Letters Screening for hepatitis C

Screening and treatment for hepatitis C: a balanced perspective

BMJ 2015; 350 doi: (Published 24 February 2015) Cite this as: BMJ 2015;350:h644
  1. Philippa C Matthews, National Institute for Health Research academic clinical lecturer in infectious diseases1,
  2. Katie Jeffery, consultant virologist2,
  3. Paul Klenerman, professor of immunology3,
  4. Eleanor Barnes, Medical Research Council senior clinical fellow and consultant in hepatology4,
  5. Graham Cooke, senior clinical lecturer in infectious diseases5
  1. 1Nuffield Department of Medicine, University of Oxford, Oxford OX1 3SY, UK
  2. 2Department of Infectious Diseases and Microbiology, Oxford University Hospitals NHS Trust, John Radcliffe Hospital, Oxford, UK
  3. 3NIHR Biomedical Research Unit, John Radcliffe Hospital, Oxford, UK
  4. 4STOP-HCV Consortium, University of Oxford, Oxford, UK
  5. 5Wright-Fleming Institute, Imperial College, London, UK
  1. p.matthews{at}

Koretz and colleagues proposed a randomised trial of hepatitis C (HCV) screening on the basis of a selective literature review.1 We offer a contrasting view based on four key points:

  • Studies of the natural course of HCV—Koretz and colleagues state that “natural course is best determined by following an entire cohort determined at the time of infection.” This is impractical—the point of acute HCV infection can rarely be established, especially in developing countries,2 and follow-up over decades would be needed. The evidence base on disease progression is already substantial,3 and the lack of a gold standard study should not delay access to diagnosis and treatment.

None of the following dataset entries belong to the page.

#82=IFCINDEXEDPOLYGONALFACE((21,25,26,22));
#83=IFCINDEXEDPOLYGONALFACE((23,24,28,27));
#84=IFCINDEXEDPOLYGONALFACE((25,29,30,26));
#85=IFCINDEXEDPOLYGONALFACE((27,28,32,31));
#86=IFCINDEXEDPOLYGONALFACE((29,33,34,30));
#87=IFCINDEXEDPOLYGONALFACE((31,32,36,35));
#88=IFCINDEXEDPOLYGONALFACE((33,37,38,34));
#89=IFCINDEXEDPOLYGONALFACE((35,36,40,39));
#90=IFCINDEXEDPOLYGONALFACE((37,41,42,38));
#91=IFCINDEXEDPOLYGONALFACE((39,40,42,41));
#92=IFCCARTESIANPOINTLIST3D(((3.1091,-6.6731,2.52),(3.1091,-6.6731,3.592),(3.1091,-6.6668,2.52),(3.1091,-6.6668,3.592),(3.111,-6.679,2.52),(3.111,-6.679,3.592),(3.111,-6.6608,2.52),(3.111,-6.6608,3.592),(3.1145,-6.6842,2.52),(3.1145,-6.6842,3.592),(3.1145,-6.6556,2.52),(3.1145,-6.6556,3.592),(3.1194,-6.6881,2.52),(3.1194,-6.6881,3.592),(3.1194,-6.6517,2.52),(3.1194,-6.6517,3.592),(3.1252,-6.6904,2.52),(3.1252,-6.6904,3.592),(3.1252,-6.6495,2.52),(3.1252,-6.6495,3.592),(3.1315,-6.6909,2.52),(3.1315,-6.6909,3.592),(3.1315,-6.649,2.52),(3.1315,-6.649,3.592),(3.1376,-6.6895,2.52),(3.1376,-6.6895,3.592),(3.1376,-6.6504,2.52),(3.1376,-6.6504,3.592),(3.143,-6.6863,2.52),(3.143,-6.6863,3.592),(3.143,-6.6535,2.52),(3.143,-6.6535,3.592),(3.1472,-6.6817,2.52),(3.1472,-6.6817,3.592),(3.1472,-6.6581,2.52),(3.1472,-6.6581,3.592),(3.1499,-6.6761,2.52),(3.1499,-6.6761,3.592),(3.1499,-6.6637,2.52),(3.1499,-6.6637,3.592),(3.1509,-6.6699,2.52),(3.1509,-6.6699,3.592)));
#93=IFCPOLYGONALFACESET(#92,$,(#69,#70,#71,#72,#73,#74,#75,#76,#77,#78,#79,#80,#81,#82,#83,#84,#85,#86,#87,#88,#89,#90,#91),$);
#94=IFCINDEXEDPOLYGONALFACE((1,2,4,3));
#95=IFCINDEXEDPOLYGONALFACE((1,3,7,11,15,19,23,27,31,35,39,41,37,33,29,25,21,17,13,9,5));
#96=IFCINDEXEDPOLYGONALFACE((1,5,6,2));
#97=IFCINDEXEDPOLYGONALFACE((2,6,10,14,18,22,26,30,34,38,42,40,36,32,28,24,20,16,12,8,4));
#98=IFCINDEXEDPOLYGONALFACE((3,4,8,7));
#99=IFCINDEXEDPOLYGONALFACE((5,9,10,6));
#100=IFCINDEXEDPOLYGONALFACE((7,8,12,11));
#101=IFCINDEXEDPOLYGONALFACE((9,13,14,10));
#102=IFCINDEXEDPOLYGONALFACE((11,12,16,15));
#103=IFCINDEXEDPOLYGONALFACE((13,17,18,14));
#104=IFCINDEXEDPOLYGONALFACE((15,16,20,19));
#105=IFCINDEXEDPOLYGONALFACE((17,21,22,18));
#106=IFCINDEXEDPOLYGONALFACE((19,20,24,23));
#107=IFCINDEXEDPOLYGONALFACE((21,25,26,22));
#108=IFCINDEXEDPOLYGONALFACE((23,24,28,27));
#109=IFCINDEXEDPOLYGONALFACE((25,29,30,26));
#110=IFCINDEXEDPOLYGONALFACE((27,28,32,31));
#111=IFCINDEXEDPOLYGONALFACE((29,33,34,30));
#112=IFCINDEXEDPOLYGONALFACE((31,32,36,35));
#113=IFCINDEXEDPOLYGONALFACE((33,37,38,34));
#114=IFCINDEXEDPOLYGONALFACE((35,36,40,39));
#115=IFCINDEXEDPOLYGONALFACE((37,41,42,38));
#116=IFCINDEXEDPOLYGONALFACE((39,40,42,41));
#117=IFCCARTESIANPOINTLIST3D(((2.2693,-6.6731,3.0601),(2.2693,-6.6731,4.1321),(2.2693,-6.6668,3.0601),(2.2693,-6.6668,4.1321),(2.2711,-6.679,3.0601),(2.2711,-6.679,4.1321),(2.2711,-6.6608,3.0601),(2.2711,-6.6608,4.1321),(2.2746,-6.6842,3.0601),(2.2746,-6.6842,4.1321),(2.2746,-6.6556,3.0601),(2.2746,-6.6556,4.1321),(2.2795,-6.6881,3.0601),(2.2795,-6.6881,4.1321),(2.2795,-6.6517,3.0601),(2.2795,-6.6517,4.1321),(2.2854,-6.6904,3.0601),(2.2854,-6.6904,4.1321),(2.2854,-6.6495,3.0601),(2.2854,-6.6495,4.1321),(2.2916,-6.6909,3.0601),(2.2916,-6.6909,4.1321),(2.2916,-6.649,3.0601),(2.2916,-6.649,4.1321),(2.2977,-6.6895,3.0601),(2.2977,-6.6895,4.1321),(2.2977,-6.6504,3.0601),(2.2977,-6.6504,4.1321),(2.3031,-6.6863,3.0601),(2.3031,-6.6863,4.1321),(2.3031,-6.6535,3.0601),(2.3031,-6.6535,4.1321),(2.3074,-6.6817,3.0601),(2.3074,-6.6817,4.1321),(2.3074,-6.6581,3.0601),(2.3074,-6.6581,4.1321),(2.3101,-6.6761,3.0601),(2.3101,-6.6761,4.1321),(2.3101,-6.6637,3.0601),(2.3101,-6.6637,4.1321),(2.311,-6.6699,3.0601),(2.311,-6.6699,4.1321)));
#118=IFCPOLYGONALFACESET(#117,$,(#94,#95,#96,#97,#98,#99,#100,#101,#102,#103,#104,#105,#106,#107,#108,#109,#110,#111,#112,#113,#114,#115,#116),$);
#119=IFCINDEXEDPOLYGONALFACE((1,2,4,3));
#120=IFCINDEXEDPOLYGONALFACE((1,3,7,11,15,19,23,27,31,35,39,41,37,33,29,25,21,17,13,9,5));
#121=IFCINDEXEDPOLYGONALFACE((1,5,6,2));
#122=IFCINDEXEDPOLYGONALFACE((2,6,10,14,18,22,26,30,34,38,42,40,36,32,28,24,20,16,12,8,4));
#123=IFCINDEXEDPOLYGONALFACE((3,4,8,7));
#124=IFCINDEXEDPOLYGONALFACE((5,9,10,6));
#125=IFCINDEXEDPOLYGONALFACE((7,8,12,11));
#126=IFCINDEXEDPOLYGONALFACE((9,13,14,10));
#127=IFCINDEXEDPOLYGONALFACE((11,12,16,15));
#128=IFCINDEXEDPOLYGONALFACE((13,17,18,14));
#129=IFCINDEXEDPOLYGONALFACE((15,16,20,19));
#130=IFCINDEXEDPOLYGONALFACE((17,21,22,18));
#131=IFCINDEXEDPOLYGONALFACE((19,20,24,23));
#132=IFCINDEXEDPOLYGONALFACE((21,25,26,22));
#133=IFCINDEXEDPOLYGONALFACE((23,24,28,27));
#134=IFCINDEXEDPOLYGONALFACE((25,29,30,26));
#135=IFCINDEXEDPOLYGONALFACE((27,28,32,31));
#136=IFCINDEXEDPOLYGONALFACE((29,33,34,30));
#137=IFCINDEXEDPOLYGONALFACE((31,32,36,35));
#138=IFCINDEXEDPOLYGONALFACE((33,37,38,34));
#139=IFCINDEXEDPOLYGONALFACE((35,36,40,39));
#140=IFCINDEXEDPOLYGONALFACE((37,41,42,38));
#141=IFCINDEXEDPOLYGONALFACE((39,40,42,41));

  • The value of cure; safety and effectiveness of new drugs—The authors downplay the compelling health benefits of successful HCV treatment. A recent meta-analysis identified substantial reductions in all cause mortality, liver transplantation, and hepatocellular carcinoma after treatment.4 Emerging robust data support the efficacy, safety, and tolerability of direct acting antivirals.5

  • Trial of HCV screening to determine success of direct acting antivirals—The authors propose a trial of HCV screening. However, as we enter an era of life changing treatment for HCV, it is unethical to randomise patients such that some are denied access to diagnosis and treatment. We nevertheless agree that long term follow-up of treatment outcomes is essential.

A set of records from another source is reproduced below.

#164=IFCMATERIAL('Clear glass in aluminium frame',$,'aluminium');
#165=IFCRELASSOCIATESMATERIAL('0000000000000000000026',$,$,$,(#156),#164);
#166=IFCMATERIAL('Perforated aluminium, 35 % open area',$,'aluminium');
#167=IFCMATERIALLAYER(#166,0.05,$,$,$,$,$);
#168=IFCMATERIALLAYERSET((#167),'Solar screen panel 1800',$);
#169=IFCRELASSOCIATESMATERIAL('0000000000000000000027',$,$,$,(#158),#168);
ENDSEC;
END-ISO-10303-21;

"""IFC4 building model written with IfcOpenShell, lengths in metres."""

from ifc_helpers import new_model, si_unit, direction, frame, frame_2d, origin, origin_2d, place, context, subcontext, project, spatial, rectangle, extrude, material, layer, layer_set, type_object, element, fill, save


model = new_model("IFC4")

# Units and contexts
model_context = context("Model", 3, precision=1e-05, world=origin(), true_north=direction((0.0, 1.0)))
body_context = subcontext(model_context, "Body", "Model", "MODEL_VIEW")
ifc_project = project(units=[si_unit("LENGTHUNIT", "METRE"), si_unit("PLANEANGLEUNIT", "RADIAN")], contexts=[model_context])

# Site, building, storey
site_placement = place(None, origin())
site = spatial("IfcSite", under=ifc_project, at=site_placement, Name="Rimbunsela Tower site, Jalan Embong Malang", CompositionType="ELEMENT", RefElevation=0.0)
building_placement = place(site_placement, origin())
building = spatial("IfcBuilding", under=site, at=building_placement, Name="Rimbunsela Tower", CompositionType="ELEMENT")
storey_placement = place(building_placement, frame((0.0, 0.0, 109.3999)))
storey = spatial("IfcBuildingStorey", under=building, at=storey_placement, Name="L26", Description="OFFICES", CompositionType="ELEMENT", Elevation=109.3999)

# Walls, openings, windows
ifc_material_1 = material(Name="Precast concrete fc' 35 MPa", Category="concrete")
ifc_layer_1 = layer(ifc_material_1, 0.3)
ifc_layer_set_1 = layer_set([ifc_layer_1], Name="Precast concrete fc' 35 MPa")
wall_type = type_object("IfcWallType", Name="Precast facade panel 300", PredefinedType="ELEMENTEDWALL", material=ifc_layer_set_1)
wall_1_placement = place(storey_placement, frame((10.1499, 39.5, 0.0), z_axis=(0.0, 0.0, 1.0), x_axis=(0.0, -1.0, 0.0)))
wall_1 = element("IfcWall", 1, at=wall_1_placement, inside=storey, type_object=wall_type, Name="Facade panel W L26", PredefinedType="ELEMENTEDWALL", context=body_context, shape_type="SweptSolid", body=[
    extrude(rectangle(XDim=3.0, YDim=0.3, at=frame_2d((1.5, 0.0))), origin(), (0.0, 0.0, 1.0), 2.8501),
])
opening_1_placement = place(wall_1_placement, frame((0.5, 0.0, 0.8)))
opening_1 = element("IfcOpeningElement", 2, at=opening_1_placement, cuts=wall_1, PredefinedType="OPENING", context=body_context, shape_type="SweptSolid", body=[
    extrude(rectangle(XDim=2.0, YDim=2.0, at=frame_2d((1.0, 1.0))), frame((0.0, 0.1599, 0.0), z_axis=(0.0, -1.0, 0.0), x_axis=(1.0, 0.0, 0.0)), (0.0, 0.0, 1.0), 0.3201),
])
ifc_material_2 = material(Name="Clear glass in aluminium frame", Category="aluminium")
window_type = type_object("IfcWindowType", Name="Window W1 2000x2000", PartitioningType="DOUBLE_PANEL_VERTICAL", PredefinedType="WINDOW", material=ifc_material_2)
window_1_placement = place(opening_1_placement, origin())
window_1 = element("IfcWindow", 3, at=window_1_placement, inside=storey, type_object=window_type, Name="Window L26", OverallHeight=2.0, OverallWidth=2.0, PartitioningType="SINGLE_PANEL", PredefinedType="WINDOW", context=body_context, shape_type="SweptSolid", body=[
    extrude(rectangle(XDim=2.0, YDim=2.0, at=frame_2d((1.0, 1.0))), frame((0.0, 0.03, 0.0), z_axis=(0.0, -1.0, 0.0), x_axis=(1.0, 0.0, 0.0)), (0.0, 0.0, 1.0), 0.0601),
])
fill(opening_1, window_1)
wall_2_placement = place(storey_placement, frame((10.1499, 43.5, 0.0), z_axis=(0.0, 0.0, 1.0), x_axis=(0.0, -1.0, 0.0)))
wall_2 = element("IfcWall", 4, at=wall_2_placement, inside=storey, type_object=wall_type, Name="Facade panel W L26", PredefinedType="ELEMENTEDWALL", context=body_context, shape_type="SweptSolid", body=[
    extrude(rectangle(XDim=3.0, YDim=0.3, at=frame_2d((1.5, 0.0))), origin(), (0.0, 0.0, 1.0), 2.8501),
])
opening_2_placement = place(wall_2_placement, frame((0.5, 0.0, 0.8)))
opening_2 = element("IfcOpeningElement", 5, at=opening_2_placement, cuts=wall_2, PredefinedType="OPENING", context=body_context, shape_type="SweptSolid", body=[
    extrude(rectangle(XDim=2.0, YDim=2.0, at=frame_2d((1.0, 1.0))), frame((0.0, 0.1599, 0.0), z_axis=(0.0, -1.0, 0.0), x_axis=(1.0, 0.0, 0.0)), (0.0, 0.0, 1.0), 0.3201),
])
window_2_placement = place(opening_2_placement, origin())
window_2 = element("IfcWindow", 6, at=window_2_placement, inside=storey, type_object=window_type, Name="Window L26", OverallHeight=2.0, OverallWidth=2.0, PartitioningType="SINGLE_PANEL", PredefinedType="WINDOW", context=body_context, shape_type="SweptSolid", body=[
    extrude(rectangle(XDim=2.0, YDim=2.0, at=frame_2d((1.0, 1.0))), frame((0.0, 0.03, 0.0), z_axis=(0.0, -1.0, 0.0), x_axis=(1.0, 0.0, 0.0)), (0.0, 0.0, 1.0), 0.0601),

  • Cost implications of screening—The article did not discuss concerns about the cost of new drugs. Expanded screening increases the pool of patients for whom treatment should be offered; this is currently beyond the reach of most healthcare budgets.

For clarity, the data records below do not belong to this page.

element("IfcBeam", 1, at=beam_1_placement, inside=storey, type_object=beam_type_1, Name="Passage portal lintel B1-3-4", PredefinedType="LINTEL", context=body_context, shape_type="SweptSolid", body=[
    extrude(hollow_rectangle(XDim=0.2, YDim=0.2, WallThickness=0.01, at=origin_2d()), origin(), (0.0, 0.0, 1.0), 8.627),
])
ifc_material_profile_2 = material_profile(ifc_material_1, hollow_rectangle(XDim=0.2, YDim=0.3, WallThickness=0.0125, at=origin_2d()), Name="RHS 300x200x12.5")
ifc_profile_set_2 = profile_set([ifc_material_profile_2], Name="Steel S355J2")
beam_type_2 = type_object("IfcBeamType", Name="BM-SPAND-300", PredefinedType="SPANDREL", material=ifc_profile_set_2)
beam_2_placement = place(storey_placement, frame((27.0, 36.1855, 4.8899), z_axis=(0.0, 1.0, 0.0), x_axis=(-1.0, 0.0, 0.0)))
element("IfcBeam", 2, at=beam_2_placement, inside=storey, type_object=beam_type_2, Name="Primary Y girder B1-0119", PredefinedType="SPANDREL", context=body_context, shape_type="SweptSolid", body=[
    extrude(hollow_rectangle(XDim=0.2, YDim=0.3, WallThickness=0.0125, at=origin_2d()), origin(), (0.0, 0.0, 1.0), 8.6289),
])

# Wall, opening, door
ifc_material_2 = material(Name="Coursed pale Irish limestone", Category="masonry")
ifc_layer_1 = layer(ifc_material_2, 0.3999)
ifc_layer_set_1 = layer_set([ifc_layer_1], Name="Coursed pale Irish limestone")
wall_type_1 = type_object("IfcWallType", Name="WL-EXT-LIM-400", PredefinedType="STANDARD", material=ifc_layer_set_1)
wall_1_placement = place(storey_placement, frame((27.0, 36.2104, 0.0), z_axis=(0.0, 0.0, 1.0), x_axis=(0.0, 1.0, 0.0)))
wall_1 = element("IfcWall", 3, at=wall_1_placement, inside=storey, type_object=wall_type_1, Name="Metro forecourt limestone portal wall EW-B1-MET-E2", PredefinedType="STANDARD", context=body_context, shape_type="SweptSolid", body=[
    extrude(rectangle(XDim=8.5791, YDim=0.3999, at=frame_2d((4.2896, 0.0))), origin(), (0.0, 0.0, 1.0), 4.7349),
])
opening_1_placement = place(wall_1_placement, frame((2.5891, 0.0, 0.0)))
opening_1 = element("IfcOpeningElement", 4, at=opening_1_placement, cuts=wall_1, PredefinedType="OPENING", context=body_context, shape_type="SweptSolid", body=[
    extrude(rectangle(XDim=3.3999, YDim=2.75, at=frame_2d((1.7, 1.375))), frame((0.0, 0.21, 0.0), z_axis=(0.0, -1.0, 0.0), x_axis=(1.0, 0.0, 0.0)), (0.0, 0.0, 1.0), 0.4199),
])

Although many questions remain, we do not believe that a randomised trial of screening is ethically sound, feasible, or beneficial to the 150 million HCV infected people worldwide.


Cite this as: BMJ 2015;350:h644


  • Competing interests: PK has acted as a consultant on HCV immunology for Tibotec. GC has been an investigator on studies sponsored by Janssen, Gilead, and BMS. He has acted as a consultant in relation to hepatitis for Boeringher-Ingelheim, Merck, Gilead, Janssen, and WHO.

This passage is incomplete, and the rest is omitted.